I've made some closet space in an attic kneewall. So far it's just open cabinets made of 1/2" MDF, but I'd like to put some drawers in some of them. The drawers would be 30" wide and 24" deep. Would the MDF be able to hold this? What type of material would you recommend for the drawers?

Thanks,

-tiksi


----------



## cabinetman (Jul 5, 2007)

That will be a fairly large drawer. I would use as a minimum, 1/2" plywood for the 4 sides and bottom, like Baltic Birch, or Maple. Side mount full extension slides would work well. 

You could just rabbet the sides to accept the front and back. Run a groove on the sides and front to provide for the bottom. Cut the back short so the bottom will slide in and out.


----------



## tiksi (Jun 20, 2009)

*Thank you, but*

Thank you for your reply cabinetman!

So you think I need 1/2" for the drawer bottom? 1/4" wouldn't do?

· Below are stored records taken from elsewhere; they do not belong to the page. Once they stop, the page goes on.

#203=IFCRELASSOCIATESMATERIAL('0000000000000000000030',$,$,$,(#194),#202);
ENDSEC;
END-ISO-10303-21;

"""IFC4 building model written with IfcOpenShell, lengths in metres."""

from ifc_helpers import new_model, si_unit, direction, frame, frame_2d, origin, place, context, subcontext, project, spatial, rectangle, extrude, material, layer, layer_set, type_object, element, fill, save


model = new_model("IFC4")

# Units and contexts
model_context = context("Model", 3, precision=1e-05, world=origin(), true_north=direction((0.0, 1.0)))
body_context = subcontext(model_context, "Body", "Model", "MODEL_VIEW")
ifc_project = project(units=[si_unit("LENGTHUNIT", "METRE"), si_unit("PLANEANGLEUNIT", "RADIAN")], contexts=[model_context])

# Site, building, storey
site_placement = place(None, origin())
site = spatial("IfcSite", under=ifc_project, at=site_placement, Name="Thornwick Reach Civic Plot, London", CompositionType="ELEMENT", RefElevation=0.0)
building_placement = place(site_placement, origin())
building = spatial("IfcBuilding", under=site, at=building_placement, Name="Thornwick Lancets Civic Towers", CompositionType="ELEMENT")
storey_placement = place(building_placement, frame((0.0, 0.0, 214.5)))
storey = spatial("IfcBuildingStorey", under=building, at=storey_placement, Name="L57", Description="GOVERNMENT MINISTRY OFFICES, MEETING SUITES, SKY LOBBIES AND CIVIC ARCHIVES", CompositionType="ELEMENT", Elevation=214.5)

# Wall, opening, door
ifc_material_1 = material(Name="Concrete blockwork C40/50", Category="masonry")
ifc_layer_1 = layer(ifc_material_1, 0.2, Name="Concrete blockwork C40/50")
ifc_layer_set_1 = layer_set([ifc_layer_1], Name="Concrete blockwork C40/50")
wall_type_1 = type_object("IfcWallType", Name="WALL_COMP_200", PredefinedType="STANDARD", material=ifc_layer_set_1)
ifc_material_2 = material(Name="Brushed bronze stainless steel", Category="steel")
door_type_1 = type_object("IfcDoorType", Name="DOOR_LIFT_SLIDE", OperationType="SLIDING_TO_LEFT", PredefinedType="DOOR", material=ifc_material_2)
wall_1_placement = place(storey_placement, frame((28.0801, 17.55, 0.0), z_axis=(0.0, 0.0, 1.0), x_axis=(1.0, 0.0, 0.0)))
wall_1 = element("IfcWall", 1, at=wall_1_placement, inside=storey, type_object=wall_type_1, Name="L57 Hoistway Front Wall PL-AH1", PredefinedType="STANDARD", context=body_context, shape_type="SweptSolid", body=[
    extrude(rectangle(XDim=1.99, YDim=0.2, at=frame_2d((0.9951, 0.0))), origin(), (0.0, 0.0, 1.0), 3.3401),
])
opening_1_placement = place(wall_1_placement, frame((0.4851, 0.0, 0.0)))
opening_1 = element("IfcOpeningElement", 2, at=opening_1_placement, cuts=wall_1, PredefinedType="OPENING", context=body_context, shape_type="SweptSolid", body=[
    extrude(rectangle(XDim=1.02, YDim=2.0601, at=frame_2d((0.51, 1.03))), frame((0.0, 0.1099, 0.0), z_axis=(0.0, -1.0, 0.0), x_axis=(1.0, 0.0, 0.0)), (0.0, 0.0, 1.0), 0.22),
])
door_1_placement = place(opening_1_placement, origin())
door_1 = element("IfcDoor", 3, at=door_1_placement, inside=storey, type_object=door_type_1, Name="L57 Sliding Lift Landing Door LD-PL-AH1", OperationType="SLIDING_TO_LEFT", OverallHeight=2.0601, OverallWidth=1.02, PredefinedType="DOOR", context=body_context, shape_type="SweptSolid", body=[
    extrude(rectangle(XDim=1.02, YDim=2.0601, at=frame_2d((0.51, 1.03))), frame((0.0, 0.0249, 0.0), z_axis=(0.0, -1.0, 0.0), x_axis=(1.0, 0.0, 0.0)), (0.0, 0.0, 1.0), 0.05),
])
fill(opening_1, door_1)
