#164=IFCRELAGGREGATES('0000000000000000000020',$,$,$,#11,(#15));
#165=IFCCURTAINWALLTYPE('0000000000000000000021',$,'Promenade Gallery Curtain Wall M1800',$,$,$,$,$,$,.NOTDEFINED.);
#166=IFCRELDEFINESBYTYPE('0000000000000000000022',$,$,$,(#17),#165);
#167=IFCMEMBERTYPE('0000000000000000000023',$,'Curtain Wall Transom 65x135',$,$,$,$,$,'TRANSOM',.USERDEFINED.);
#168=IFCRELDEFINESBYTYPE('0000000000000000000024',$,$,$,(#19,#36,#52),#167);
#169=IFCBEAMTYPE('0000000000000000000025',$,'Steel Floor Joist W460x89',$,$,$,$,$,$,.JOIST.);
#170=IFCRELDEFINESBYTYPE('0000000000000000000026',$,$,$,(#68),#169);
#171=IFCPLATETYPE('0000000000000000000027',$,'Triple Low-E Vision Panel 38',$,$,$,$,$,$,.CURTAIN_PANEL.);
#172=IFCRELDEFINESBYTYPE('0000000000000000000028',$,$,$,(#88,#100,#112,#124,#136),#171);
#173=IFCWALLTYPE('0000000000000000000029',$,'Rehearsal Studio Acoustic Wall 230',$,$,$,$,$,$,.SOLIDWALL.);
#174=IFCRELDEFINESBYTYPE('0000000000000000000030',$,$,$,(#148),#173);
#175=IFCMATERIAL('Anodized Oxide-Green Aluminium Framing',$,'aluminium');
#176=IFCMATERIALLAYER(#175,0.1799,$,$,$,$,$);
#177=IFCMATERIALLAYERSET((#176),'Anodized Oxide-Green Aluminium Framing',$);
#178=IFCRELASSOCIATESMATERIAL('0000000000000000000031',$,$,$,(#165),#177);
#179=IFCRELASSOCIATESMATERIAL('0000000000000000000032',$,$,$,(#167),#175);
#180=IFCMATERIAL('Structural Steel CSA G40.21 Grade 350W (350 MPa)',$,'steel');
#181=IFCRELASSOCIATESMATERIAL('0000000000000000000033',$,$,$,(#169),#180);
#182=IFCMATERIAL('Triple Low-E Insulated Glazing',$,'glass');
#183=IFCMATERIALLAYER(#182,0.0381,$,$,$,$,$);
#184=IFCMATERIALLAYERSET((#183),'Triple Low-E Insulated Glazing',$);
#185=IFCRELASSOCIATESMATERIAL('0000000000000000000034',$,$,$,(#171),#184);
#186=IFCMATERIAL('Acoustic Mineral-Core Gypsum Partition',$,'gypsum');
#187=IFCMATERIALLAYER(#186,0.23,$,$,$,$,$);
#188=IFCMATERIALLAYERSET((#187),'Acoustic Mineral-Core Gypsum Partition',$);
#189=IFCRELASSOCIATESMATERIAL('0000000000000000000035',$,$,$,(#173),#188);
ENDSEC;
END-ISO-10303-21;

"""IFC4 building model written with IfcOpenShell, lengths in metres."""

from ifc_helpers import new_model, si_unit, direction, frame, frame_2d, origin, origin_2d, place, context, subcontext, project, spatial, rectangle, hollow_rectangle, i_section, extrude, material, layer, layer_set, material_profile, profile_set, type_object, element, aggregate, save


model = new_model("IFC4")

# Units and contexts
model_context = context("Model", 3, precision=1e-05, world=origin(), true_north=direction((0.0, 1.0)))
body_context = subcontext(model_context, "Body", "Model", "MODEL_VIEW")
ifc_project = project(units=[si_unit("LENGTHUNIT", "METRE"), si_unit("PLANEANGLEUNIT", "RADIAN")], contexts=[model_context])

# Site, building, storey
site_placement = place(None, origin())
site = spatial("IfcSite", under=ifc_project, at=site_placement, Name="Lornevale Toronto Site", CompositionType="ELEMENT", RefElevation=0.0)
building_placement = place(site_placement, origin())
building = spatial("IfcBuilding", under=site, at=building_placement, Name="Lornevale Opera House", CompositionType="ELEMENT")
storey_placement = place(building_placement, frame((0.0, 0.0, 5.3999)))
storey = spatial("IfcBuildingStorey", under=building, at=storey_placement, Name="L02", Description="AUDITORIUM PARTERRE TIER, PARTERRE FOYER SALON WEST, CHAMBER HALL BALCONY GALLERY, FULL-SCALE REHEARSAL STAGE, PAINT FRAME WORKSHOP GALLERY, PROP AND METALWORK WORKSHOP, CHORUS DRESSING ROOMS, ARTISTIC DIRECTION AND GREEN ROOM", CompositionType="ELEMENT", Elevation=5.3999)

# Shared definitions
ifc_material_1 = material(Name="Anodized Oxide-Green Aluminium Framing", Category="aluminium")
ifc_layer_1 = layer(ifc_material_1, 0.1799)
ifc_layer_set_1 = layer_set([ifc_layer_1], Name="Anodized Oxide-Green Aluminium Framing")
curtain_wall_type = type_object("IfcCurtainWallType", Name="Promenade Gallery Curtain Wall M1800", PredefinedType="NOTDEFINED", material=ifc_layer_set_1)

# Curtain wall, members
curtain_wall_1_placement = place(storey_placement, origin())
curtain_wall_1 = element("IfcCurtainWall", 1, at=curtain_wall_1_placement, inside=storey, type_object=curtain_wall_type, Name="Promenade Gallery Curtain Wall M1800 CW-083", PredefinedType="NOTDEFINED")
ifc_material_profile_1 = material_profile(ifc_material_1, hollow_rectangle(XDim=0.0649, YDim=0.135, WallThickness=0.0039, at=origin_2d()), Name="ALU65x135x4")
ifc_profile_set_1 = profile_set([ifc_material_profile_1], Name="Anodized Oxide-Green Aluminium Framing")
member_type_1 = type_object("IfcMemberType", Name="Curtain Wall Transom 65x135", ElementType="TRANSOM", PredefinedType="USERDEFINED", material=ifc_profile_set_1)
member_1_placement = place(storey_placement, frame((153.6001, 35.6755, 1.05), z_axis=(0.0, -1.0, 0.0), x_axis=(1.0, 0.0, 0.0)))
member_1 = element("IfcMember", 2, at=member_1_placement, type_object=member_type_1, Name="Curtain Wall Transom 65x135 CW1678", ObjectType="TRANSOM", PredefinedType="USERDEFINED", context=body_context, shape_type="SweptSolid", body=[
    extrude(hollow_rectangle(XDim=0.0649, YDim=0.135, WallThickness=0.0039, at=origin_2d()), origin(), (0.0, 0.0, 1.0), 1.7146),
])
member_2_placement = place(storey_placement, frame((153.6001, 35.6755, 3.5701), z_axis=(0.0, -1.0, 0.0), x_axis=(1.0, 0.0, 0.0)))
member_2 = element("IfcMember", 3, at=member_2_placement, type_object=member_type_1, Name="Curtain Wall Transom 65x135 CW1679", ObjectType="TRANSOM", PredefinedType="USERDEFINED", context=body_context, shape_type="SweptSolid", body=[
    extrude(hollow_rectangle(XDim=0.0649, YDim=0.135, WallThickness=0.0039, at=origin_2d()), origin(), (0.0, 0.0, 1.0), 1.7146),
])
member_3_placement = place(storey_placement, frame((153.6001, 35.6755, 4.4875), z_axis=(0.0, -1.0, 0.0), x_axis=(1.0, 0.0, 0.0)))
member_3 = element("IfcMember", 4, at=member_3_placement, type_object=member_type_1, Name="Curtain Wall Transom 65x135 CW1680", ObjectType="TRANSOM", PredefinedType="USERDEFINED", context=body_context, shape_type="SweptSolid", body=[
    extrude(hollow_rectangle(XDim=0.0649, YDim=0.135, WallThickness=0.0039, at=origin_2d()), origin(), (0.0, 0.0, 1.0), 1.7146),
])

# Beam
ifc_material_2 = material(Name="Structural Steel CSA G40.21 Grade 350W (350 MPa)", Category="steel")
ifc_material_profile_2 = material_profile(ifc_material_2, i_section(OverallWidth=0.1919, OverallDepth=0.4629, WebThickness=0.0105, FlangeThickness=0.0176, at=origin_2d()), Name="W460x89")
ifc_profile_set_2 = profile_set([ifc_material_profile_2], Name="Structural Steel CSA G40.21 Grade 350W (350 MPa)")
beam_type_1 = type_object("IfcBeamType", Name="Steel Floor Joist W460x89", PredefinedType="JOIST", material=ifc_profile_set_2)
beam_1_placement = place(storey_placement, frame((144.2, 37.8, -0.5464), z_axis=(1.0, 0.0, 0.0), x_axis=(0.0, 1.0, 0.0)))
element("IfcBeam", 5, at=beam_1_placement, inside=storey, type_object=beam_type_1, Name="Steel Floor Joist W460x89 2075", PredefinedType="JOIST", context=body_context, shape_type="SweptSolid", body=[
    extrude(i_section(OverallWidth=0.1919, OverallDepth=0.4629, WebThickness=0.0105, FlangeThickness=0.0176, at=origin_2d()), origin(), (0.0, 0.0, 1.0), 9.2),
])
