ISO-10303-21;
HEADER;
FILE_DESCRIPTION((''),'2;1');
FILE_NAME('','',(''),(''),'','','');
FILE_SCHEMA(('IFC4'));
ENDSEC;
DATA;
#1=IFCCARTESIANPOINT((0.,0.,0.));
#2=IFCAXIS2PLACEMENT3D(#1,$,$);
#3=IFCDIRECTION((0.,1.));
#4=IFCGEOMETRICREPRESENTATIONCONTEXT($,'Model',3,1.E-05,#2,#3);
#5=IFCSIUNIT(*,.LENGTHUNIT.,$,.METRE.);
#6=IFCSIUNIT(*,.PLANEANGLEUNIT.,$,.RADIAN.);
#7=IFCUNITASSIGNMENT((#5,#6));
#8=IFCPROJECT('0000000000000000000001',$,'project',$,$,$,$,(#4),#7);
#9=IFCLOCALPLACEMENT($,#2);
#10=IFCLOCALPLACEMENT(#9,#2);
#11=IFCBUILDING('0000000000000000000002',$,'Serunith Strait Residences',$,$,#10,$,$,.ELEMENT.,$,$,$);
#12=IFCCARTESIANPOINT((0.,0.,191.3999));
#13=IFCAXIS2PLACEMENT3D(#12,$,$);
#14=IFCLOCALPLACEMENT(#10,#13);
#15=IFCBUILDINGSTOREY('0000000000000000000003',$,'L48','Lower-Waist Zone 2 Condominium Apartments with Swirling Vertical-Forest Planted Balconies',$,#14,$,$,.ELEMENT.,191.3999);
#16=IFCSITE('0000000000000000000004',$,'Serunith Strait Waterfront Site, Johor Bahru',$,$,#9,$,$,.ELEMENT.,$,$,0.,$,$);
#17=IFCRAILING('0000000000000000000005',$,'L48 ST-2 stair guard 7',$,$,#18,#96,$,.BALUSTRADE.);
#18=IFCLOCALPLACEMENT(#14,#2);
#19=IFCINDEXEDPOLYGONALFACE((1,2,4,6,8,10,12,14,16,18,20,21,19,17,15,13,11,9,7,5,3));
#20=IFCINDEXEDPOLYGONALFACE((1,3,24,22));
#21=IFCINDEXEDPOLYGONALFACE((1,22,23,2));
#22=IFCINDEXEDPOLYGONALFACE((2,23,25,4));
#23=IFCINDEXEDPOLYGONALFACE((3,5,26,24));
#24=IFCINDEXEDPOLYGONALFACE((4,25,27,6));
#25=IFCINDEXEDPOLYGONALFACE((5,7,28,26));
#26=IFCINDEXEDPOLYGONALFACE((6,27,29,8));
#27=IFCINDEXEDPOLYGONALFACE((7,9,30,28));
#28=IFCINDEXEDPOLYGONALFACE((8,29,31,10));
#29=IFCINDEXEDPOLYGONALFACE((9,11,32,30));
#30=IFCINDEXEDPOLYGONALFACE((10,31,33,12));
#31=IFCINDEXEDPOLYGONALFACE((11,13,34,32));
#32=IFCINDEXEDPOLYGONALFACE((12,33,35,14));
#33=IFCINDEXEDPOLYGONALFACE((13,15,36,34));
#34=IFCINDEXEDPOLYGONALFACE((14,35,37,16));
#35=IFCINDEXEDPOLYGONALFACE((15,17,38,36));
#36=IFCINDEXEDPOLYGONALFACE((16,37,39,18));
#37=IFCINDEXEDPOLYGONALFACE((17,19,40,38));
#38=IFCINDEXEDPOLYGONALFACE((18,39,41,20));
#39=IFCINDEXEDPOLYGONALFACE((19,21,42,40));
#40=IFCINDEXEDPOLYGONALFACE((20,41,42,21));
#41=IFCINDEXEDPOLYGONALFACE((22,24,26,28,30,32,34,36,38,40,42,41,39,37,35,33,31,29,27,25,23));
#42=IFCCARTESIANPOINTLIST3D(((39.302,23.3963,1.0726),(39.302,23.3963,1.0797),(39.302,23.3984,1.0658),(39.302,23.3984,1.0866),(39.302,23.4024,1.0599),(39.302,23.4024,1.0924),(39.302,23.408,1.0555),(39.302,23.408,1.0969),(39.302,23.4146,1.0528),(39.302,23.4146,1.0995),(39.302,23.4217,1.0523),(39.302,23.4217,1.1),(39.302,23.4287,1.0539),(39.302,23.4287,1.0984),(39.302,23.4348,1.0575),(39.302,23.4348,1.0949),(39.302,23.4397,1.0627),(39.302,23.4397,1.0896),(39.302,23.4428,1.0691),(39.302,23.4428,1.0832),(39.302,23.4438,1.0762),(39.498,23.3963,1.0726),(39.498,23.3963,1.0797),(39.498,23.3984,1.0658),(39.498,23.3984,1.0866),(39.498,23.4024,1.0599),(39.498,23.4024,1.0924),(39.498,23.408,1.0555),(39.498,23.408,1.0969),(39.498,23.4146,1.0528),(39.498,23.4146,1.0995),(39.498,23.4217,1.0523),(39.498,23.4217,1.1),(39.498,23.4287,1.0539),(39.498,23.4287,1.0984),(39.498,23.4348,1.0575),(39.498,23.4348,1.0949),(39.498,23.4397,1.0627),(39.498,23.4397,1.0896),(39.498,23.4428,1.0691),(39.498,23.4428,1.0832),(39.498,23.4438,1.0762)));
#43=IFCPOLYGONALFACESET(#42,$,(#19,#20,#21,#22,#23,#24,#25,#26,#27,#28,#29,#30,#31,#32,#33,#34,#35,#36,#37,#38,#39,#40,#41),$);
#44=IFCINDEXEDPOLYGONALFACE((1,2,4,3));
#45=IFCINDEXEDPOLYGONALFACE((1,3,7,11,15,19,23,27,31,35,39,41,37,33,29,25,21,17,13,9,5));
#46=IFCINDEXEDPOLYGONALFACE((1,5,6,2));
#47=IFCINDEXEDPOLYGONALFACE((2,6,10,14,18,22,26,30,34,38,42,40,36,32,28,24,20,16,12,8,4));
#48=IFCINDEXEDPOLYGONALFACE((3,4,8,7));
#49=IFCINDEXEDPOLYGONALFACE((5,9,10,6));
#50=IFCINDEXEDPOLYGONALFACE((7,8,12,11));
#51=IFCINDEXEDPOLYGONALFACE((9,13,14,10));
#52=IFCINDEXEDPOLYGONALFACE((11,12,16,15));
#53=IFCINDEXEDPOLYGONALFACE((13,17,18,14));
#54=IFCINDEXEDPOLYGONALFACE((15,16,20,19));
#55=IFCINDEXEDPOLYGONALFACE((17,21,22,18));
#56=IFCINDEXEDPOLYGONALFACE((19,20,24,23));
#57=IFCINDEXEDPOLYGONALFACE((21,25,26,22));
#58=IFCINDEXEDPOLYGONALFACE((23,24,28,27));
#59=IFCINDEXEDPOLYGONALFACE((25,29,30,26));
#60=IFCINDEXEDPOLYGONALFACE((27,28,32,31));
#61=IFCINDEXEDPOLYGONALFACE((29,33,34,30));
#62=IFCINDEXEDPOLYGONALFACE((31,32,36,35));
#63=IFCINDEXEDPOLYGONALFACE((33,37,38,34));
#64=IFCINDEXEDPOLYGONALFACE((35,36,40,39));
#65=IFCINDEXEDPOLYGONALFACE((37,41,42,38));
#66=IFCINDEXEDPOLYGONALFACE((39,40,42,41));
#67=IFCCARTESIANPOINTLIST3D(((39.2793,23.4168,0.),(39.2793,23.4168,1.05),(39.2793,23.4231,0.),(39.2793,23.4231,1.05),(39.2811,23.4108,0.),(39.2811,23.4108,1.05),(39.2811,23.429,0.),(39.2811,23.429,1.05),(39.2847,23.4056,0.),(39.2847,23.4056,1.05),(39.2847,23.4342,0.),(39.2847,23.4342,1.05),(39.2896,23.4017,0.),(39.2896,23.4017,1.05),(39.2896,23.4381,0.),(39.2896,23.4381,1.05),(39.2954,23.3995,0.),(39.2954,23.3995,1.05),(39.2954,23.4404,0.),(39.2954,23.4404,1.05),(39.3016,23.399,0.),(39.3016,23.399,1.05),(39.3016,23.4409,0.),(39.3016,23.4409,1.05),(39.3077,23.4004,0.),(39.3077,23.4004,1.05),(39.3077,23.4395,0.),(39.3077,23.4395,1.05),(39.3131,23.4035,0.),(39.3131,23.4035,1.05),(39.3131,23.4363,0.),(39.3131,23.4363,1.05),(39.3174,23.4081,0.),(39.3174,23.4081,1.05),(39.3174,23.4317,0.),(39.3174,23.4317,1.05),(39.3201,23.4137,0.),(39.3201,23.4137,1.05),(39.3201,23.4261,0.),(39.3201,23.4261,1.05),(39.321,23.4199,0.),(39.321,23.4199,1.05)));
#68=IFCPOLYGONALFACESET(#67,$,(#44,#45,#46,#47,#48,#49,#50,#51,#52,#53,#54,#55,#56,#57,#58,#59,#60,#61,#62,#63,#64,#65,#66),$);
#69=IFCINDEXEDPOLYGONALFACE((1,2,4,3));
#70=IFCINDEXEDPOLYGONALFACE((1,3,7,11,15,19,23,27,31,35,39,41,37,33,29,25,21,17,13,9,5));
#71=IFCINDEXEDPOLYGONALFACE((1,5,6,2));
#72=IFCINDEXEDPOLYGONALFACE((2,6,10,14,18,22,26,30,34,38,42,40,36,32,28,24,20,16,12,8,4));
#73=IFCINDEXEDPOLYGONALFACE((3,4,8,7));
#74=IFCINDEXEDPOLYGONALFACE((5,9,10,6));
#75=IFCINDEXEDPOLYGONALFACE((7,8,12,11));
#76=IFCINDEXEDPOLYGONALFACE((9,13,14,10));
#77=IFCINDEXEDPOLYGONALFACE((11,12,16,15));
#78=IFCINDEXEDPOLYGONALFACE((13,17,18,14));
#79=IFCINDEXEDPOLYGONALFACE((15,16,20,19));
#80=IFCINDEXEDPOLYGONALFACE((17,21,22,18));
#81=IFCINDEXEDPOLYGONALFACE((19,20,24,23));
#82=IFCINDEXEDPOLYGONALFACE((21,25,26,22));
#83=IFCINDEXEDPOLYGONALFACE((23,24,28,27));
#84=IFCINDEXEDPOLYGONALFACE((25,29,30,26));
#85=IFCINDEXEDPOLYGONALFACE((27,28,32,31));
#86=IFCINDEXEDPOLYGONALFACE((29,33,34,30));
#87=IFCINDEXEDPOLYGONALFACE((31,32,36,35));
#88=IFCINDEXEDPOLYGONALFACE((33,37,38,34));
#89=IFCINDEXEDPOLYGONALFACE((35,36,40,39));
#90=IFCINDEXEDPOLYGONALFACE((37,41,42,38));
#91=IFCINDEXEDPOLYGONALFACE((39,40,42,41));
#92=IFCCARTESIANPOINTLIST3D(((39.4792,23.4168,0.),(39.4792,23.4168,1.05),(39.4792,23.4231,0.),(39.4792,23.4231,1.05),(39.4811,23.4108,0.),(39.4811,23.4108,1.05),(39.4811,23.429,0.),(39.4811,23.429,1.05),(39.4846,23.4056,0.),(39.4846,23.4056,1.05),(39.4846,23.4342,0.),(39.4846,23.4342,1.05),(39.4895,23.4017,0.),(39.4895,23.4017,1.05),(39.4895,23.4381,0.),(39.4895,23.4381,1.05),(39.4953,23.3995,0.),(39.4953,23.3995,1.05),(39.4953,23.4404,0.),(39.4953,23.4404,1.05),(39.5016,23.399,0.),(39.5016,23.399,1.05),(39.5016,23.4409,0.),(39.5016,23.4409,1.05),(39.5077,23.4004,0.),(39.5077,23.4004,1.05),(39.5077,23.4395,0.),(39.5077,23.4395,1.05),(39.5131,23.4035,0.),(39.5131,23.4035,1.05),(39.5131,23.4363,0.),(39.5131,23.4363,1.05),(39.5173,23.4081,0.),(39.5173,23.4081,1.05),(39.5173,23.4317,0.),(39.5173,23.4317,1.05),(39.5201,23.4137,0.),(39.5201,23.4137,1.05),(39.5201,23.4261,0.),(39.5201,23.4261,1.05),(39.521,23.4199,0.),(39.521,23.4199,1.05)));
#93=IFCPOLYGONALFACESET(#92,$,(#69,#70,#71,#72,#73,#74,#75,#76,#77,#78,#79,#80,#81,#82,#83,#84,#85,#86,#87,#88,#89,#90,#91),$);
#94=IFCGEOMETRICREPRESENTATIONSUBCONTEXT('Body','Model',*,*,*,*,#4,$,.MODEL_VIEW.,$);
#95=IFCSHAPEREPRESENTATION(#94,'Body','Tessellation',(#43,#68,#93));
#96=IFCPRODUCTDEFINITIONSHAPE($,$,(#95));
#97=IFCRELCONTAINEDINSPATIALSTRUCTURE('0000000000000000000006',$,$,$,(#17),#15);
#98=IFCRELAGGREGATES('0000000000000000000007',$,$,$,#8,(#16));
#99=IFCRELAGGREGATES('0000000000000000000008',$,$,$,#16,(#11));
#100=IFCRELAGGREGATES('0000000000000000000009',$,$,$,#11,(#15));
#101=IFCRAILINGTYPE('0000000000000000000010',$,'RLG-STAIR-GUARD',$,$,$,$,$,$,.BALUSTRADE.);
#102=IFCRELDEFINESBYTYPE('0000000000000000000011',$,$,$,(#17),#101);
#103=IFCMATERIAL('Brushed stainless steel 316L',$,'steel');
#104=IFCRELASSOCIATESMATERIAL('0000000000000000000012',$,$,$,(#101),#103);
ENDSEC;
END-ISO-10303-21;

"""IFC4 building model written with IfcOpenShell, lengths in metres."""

from ifc_helpers import new_model, si_unit, direction, frame, origin, origin_2d, place, context, subcontext, project, spatial, circle, extrude, material, type_object, element, save


model = new_model("IFC4")

# Units and contexts
model_context = context("Model", 3, precision=1e-05, world=origin(), true_north=direction((0.0, 1.0)))
body_context = subcontext(model_context, "Body", "Model", "MODEL_VIEW")
ifc_project = project(units=[si_unit("LENGTHUNIT", "METRE"), si_unit("PLANEANGLEUNIT", "RADIAN")], contexts=[model_context])

# Site, building, storey
site_placement = place(None, origin())
site = spatial("IfcSite", under=ifc_project, at=site_placement, Name="Serunith Strait Waterfront Site, Johor Bahru", CompositionType="ELEMENT", RefElevation=0.0)
building_placement = place(site_placement, origin())
building = spatial("IfcBuilding", under=site, at=building_placement, Name="Serunith Strait Residences", CompositionType="ELEMENT")
storey_placement = place(building_placement, frame((0.0, 0.0, 191.3999)))
storey = spatial("IfcBuildingStorey", under=building, at=storey_placement, Name="L48", Description="Lower-Waist Zone 2 Condominium Apartments with Swirling Vertical-Forest Planted Balconies", CompositionType="ELEMENT", Elevation=191.3999)

# Railing
ifc_material_1 = material(Name="Brushed stainless steel 316L", Category="steel")
railing_type_1 = type_object("IfcRailingType", Name="RLG-STAIR-GUARD", PredefinedType="BALUSTRADE", material=ifc_material_1)
railing_1_placement = place(storey_placement, frame((39.3, 23.4199, 0.0)))
element("IfcRailing", 1, at=railing_1_placement, inside=storey, type_object=railing_type_1, Name="L48 ST-2 stair guard 7", PredefinedType="BALUSTRADE", context=body_context, shape_type="SweptSolid", body=[
    extrude(circle(Radius=0.0239, at=origin_2d()), frame((0.002, 0.0, 1.0762), z_axis=(1.0, 0.0, 0.0), x_axis=(0.0, 1.0, 0.0)), (0.0, 0.0, 1.0), 0.196),
    extrude(circle(Radius=0.021, at=origin_2d()), origin(), (0.0, 0.0, 1.0), 1.05),
    extrude(circle(Radius=0.021, at=origin_2d()), frame((0.2, 0.0, 0.0)), (0.0, 0.0, 1.0), 1.05),
])

save(model, "model.ifc")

But what I am more worried about is the cabinets themselves. They are made of 1/2" MDF and are large enough to house 30" x 24" drawers. Will the MDF be strong enough to hold these drawers? Or should I but in additional "walls" of plywood before I attempt installing drawer slides?


----------



## cabinetman (Jul 5, 2007)

tiksi said:


> Thank you for your reply cabinetman!
> 
> So you think I need 1/2" for the drawer bottom? 1/4" wouldn't do?
> 
> But what I am more worried about is the cabinets themselves. They are made of 1/2" MDF and are large enough to house 30" x 24" drawers. Will the MDF be strong enough to hold these drawers? Or should I but in additional "walls" of plywood before I attempt installing drawer slides?




If you're not going to put a lot of weight in them, ¼" might be sufficient. If you use side mount drawer slides the ½" MDF would likely be OK. If there is no face frame, maybe you could add one. If you don't have a real reason for the need for that width of drawers, maybe divide the opening and install two narrow ones.


----------